Throughout the day I had been troubled by intermittent but piercing headaches; otherwise my physical condition was good. And that night I slept dreamlessly. But in the morning I was so stiff that I guessed my muscles had been more accustomed to riding than tramping.

On the second and third days I must have made some twenty miles a day. Thereafter, the billy being empty, I travelled by night. That I was moving almost due south I had no doubt and at the end of my third night-march I knew that I could not have seen the sea: my goal had been mirage or some lake now behind me. Everywhere about me still was the same unchanging emptiness, the same endless iteration of sand and scrub. Occasionally I sighted kangaroo in the dusk; once by daylight I hurried to meet two natives who proved – so deceptive was the light – no more than two lonely magpies perched on stumps. And then at dawn on the seventh day, when my water and provisions were both exhausted, I came upon the unmistakable tracks of a white man – the imprints, too often repeated to be a trick of nature, of a booted foot just distinguishable in the loose surface of the sand. I realized that they must be fresh – a breath of wind would have obliterated them – and I hurried forward with a dreadful fear that in my weakness I could never overtake the stronger man in front.
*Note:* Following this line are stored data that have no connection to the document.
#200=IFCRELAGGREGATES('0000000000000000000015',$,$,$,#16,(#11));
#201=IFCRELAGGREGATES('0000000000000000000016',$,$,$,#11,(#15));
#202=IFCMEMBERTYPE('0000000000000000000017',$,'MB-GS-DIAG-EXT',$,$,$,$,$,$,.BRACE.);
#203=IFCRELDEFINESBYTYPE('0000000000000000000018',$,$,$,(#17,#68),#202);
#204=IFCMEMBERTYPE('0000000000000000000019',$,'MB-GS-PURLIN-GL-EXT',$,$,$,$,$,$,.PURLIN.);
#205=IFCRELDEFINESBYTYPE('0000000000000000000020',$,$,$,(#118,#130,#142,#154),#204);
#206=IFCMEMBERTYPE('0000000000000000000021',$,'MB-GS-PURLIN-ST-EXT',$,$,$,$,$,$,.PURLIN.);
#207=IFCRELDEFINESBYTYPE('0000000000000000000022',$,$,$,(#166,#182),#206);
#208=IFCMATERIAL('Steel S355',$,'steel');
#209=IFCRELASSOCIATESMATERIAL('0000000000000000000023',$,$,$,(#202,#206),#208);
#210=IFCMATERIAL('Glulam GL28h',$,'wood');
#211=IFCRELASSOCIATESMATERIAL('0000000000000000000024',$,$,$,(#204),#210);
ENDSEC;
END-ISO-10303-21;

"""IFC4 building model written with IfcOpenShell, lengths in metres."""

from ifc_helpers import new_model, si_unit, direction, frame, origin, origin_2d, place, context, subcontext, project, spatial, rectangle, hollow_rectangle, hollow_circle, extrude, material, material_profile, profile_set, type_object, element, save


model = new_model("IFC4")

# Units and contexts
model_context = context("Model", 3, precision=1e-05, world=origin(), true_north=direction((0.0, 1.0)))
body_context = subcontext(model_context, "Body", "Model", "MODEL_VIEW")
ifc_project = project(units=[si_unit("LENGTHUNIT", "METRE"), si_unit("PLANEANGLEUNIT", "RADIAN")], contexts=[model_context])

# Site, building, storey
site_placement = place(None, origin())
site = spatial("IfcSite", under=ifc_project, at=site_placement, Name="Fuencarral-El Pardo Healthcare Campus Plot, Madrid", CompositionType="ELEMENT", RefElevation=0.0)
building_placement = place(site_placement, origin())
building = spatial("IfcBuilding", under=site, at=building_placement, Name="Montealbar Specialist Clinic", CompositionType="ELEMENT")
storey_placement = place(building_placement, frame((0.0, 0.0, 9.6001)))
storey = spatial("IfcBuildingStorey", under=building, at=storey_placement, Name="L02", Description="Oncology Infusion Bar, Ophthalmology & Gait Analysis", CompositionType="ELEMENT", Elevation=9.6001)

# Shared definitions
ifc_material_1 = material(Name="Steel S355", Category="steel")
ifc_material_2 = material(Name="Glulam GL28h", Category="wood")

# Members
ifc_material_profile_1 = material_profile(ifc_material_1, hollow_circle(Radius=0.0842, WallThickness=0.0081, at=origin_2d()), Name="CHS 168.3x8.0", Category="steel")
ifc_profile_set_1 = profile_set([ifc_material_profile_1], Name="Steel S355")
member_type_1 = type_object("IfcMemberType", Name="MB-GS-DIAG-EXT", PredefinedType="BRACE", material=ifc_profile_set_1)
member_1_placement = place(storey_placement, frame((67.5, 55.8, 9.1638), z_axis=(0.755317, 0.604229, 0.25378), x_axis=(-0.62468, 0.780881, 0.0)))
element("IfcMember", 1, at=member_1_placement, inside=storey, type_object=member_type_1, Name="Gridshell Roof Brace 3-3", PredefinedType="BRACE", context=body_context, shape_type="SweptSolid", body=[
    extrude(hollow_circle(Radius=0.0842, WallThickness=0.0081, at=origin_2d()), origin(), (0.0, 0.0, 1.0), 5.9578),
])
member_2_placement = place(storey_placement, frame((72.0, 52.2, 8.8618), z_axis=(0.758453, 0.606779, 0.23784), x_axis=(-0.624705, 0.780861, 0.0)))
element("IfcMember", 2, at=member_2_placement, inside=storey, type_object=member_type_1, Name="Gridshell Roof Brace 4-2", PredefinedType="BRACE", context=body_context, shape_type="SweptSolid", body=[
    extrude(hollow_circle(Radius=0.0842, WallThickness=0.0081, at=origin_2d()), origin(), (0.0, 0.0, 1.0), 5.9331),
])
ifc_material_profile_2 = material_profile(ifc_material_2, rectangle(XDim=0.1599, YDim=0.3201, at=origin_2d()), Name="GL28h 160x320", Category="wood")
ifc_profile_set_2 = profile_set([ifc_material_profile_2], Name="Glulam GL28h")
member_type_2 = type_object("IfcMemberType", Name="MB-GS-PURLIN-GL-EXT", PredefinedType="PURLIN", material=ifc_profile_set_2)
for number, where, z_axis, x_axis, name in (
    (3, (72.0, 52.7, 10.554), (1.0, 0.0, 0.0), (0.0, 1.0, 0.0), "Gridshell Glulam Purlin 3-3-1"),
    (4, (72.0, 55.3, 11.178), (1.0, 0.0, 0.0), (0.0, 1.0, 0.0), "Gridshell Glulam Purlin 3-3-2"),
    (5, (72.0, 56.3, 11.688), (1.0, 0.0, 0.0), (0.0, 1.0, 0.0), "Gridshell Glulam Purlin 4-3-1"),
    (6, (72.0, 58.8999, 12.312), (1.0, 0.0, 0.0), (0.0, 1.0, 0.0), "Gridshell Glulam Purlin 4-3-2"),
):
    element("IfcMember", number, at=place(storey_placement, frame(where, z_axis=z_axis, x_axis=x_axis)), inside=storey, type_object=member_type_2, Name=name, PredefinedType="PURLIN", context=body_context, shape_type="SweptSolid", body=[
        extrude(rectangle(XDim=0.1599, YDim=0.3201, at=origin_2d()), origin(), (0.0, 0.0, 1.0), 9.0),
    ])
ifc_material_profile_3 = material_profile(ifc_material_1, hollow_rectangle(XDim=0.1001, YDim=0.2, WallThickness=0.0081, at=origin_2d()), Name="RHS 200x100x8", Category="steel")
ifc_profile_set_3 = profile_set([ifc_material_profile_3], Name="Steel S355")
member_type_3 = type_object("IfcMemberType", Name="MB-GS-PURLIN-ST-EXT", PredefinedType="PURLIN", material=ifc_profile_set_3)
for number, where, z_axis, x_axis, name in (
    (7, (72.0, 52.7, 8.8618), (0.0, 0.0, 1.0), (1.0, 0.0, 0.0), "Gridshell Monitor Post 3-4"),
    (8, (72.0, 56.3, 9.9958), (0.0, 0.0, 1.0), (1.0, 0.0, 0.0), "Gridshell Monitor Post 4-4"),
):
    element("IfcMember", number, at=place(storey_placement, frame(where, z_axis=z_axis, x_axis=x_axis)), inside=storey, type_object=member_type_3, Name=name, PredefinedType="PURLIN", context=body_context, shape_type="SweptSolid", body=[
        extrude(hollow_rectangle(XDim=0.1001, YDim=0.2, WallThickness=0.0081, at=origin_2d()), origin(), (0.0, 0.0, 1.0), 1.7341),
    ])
My heart leapt when I saw, not a quarter of a mile ahead, the thin smoke going up from a camp fire. I ran forward, sobbing and trying to call out from a parched throat.

The man was dead. He lay with an empty water-bottle – his sole unabandoned possession – beside him. His body, still warm, was sprawled on its face, one arm stretched out towards the smouldering fire and the hand closed round a few dry leaves. Death had taken him in the act of feeding his last desperate signal.
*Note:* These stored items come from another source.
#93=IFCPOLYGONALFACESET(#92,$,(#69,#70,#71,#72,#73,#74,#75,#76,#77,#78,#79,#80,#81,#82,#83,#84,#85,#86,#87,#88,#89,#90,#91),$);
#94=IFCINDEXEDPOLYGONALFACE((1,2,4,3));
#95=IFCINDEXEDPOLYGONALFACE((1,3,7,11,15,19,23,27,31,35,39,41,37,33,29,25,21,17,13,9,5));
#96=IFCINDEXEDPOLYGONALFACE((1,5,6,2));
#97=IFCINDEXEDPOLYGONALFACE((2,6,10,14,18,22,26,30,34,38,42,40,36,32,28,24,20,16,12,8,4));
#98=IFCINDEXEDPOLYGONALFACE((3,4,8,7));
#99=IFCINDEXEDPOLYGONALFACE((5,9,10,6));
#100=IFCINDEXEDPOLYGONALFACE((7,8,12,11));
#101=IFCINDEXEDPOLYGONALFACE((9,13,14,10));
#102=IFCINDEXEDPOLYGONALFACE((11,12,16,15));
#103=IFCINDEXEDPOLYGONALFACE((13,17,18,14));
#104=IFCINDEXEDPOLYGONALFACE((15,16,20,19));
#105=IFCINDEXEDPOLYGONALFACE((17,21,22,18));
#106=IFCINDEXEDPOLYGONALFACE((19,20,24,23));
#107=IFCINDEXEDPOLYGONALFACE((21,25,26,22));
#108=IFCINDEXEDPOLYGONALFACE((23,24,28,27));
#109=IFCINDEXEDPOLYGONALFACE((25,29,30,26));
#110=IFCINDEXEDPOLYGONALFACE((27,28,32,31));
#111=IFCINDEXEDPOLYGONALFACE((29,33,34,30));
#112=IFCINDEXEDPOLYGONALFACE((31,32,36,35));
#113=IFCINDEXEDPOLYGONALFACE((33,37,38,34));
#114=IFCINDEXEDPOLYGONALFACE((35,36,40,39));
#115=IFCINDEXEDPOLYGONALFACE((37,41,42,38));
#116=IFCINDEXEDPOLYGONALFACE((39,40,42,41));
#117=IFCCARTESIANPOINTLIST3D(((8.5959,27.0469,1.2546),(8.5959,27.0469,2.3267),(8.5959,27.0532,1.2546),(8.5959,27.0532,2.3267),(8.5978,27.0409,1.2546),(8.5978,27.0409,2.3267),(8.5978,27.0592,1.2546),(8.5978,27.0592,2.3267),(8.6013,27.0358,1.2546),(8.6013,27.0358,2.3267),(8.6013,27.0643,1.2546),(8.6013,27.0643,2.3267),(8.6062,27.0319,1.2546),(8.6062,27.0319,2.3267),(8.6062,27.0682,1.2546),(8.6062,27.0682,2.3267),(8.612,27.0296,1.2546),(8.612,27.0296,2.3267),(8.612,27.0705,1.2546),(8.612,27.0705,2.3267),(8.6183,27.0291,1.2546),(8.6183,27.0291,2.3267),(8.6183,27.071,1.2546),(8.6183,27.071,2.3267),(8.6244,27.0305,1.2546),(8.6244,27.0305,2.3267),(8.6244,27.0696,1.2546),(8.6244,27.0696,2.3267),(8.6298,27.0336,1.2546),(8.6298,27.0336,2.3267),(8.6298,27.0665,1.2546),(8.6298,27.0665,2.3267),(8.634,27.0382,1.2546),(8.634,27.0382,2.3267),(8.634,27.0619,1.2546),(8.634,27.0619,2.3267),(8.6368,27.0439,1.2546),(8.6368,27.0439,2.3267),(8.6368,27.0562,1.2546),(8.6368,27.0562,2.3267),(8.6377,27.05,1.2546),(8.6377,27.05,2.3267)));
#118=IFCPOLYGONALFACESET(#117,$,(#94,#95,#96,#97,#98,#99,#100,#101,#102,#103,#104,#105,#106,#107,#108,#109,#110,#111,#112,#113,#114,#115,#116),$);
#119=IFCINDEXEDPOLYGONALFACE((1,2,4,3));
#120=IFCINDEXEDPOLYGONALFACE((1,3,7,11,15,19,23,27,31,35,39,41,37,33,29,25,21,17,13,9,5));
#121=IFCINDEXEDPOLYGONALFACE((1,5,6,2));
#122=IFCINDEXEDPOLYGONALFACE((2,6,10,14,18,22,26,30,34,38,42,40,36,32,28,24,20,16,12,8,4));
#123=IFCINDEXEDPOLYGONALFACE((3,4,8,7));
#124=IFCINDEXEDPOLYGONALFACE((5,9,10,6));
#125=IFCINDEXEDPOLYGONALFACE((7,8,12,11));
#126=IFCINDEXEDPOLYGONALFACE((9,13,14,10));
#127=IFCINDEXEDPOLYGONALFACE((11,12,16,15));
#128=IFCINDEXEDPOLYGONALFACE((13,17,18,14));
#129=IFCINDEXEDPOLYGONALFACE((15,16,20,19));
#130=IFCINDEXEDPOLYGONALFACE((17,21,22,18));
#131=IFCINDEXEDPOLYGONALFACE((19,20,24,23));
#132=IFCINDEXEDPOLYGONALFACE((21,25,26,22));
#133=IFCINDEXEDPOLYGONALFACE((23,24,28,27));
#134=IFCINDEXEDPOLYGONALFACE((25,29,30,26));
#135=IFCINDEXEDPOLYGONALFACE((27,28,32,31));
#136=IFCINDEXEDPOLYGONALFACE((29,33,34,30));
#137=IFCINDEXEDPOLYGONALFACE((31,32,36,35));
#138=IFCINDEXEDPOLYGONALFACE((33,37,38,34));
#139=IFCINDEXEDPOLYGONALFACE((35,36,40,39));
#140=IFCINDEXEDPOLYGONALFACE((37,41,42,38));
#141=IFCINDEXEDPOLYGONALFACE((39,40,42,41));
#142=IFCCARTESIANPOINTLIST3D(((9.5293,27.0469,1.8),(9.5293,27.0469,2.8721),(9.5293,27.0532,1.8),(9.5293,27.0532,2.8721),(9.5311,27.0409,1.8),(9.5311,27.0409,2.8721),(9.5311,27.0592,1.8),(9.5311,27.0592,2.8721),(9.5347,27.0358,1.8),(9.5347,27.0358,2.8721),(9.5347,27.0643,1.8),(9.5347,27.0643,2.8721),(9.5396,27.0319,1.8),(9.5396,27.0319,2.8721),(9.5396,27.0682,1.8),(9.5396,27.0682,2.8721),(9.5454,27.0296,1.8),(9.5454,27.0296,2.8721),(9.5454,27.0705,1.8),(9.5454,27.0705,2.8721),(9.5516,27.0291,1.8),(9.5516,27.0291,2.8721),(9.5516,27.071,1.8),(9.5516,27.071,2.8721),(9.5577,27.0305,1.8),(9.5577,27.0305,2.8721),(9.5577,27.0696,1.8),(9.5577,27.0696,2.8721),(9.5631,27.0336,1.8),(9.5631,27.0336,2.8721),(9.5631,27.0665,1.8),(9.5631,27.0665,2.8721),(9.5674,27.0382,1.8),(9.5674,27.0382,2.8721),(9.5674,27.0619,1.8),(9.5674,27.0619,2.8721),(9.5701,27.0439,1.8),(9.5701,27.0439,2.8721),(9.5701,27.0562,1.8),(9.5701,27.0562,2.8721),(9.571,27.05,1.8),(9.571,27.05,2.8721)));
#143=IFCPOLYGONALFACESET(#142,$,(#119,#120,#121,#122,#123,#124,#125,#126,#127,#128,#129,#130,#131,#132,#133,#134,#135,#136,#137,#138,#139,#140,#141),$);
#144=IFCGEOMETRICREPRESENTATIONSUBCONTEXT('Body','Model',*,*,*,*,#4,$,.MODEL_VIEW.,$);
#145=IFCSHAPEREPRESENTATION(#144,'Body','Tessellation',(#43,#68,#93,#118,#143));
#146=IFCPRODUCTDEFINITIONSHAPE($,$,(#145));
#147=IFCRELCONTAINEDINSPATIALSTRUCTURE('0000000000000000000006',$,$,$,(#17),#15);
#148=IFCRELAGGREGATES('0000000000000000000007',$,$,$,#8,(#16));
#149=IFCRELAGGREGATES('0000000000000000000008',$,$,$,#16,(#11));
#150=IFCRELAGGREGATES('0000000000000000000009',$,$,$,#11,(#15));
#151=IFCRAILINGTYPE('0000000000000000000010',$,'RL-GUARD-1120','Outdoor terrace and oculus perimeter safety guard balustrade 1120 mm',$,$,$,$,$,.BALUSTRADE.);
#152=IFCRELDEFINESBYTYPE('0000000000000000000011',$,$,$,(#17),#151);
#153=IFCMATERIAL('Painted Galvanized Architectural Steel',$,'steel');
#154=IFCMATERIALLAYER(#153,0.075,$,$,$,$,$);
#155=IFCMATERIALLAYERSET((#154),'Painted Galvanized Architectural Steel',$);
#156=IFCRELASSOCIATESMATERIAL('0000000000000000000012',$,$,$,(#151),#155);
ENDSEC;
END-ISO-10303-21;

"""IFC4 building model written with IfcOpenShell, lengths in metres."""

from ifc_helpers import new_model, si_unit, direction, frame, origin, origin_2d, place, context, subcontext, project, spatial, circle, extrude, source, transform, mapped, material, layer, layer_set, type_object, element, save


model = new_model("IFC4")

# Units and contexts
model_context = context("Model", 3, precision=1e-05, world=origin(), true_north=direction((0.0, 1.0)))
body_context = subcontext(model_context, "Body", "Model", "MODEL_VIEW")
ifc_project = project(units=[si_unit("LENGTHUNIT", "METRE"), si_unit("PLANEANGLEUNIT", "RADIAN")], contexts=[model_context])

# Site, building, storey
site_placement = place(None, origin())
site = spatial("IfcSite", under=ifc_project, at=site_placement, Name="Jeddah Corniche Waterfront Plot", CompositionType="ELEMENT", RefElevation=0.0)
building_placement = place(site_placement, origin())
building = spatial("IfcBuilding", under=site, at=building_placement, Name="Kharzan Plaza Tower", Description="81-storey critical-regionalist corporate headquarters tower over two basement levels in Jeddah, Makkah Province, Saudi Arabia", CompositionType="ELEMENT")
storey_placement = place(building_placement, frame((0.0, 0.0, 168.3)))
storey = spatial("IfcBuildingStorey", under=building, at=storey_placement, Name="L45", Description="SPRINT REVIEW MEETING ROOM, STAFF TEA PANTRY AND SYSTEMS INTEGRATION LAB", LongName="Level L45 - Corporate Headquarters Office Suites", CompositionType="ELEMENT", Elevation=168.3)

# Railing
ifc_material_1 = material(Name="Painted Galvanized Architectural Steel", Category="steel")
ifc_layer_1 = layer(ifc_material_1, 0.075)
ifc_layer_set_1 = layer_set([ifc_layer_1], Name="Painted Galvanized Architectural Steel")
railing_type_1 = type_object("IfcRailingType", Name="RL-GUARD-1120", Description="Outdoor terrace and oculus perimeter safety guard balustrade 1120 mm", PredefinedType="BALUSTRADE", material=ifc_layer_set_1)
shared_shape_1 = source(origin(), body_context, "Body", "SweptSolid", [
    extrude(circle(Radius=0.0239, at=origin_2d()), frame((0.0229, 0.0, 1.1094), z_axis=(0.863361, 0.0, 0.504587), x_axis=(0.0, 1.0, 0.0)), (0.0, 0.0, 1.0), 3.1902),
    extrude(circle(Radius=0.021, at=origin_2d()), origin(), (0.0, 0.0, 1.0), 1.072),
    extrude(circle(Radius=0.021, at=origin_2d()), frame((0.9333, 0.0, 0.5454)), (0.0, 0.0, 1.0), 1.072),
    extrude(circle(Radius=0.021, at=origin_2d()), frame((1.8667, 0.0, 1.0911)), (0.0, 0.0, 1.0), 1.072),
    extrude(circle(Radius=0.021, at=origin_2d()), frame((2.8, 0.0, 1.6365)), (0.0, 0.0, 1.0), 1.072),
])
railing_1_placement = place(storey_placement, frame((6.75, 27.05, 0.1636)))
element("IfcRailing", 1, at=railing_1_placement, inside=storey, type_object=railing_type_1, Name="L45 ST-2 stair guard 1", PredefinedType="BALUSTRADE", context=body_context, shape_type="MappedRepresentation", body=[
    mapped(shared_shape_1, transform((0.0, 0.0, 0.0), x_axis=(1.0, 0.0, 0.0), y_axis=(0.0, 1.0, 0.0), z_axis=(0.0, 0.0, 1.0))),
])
Something broke in me – a barrier I had built up not against the thought of imminent death or my present extremity of weakness and thirst, but against the silence of the bush. The barrier broke and I heard the silence, the hot heavy silence untouched for hours either by the dry cicada or the rustle of a breeze in the parched grass. I called out and my voice was horrible; I threw down my haversack and ran, horribly calling out, into the encompassing emptiness away from that silent and vastly-vaulted tomb. The frenzy brought me some final access of strength and I must have stumbled forward for hours. My head was swimming and shot with piercing pains; there was a great roaring in my ears, a roaring as uninterrupted as the silence of days had been. The roaring grew to thunder. There was a moment with the quality of blinding revelation when I knew that the thunder was not within but without. Then I found myself standing on the very verge of a high cliff against which, far below, thundered the breakers of an open sea.